At least the car served me well, I got out straight away (unlike the astra's driver) went to the passengers side and checked my teeth in the wing mirror :lol: :lol: :lol: (teeth are fine :lol
Few pictures below :x Gutted/bitter/sad/angry that's how I feel about all this :x :x Just got LPG serviced a week ago, oil and oil filter changed on Saturday, drove on icy roads to work with such care on Sunday morning ... the car didn't have a single scratch on it, planned to keep it for as long as possible, always looked after it...never got a chance to fit the 3 bar grille I got for my bday which I guess, is good now i know the car's gone ......simply *gutted* :evil:


----------



## roddy (Dec 25, 2008)

HOLY SHIT GIRL !!!!!!!!!!!!!   glad you are ok tho


----------



## Mondo (Feb 20, 2009)

Clucking Bell, RSB!  Kermit might be dead (RIP) but (s)he saved your life. I mean, look at the Astra! Ooh, making me shiver, and not from the cold. :?

Glad you're mostly OK. Bummer about the Green One but at least you get to walk away. Hope you're back in a TT soon.


----------



## redsilverblue (Mar 9, 2011)

Only Audi, guys, it will always be Audi for me


----------



## jamman (May 6, 2002)

Looking at these pictures open mouthed that's an impact and a half.

Yes the car was nice but let's face it you are more important and it "could" have been so much worse.

Very happy you are ok

James x


----------



## Nilesong (Jan 19, 2009)

Speechless.

So sorry.

So glad you're ok and even able to laugh a little.

Plenty more TTs out there.
Only one of you.


----------



## SAJ77 (Nov 16, 2008)

Glad you are ok and wish you well with your recovery.

Best wishes, Saj


----------



## roddy (Dec 25, 2008)

yes sure of course it is most important that you will be ok,,, but that sure is one nice looking car 8) ,, and lpg


----------



## TTSPORT666 (Dec 1, 2011)

Good to know you are ok and in good spirits! but obviously in alot of pain still!! The pictures are almost unreal to take in, my god it was quite an impact!  I really hope you can get another TT, but first things first, look after yourself. And know your lovely TT protected you well. Best wishes.
Damien x


----------



## Diveratt (Aug 31, 2009)

One less Astra on the road and you walked away from it so not all bad  time to screw his insurance that one off LPG TT was worth at least 20k


----------



## dalejones (Jan 25, 2012)

Best of luck to her


----------



## Belsh (Jan 17, 2012)

Bad whiplash plus the other injuries, on top of the money for the car, should be enough for a nice shiny new one!!
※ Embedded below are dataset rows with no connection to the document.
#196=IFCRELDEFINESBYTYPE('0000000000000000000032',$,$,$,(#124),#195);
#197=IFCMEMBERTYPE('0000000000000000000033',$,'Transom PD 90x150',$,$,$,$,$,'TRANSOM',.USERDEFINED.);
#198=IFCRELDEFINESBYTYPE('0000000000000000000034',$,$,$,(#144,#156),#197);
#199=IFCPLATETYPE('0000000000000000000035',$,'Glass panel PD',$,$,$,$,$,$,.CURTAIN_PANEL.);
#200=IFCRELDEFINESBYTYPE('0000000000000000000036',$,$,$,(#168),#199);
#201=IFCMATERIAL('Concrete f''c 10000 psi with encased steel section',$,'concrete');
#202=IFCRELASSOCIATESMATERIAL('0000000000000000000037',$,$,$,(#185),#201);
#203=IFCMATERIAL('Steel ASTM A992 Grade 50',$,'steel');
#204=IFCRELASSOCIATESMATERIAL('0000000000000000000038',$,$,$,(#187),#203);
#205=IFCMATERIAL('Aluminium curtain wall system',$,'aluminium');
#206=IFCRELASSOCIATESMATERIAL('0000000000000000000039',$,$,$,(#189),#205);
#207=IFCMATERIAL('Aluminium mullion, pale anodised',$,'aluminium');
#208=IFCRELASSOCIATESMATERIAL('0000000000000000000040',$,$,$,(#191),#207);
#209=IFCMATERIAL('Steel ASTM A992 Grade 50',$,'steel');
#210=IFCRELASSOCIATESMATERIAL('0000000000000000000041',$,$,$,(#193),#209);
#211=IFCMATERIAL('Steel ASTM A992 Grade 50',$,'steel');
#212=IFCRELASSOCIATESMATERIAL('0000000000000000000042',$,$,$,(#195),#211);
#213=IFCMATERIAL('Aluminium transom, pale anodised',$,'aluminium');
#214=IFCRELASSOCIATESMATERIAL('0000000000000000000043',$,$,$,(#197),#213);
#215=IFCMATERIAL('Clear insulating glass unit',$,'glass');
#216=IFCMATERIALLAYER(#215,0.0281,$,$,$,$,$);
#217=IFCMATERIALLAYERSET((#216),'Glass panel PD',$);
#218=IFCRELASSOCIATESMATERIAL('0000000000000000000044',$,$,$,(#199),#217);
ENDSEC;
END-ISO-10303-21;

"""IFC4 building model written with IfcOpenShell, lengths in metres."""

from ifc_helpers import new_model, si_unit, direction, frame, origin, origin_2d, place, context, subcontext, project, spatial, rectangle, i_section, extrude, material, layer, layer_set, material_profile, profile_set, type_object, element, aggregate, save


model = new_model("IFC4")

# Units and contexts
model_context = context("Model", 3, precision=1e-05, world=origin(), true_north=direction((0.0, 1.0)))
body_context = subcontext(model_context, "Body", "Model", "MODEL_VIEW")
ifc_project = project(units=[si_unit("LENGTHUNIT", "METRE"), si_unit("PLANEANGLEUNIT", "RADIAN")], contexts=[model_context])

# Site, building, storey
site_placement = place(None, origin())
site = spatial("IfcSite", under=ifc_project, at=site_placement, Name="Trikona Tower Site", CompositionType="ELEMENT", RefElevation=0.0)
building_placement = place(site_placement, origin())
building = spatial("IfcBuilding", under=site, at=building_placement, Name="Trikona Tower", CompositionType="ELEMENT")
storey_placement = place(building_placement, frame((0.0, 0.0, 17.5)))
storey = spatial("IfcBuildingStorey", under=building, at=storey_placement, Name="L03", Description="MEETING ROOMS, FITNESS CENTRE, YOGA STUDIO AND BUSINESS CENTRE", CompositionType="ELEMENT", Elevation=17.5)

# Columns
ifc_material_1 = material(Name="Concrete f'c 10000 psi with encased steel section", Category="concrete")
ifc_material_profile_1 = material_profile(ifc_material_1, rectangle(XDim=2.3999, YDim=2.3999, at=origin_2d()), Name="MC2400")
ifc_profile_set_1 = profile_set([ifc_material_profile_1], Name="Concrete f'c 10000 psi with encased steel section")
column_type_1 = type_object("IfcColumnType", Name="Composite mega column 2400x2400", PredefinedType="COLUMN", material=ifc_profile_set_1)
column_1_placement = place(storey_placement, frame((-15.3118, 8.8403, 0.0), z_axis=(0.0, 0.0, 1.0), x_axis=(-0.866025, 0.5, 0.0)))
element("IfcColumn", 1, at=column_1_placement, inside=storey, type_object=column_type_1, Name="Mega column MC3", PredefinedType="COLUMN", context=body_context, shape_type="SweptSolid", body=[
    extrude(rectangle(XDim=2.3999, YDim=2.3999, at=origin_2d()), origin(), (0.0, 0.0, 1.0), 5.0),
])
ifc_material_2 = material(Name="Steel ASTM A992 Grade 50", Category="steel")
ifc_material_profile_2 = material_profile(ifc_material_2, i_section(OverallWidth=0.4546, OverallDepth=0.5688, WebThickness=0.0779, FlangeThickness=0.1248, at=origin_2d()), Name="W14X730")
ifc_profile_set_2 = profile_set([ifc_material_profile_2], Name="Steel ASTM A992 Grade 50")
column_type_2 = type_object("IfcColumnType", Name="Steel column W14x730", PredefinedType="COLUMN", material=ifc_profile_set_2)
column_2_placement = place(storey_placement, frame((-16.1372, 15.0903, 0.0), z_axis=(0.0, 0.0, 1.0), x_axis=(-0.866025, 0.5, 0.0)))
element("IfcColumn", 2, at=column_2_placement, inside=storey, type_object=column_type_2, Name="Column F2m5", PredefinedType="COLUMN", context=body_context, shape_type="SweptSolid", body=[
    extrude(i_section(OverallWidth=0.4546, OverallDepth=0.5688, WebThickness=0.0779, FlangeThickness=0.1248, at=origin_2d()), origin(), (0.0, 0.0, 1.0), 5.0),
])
Glad youre ok, on one side unlucky day but on the other side a very lucky day!!!


----------



## TT K8 (Sep 13, 2009)

OMG those photos are quite shocking. She really did come through good for you though, and although absolutely heartbreaking it could have been soooo much worse, and the main thing is it thankfully wasn't. All the same it's sad to see Kermie go - at least you've got some lovely photos (and no I don't mean these!) to remember her by.

Hope your wrist sorts itself out and you feel better soon.


----------



## L0z (Sep 8, 2011)

Fackin el!

Glad your ok. Looks as if the car did it's job.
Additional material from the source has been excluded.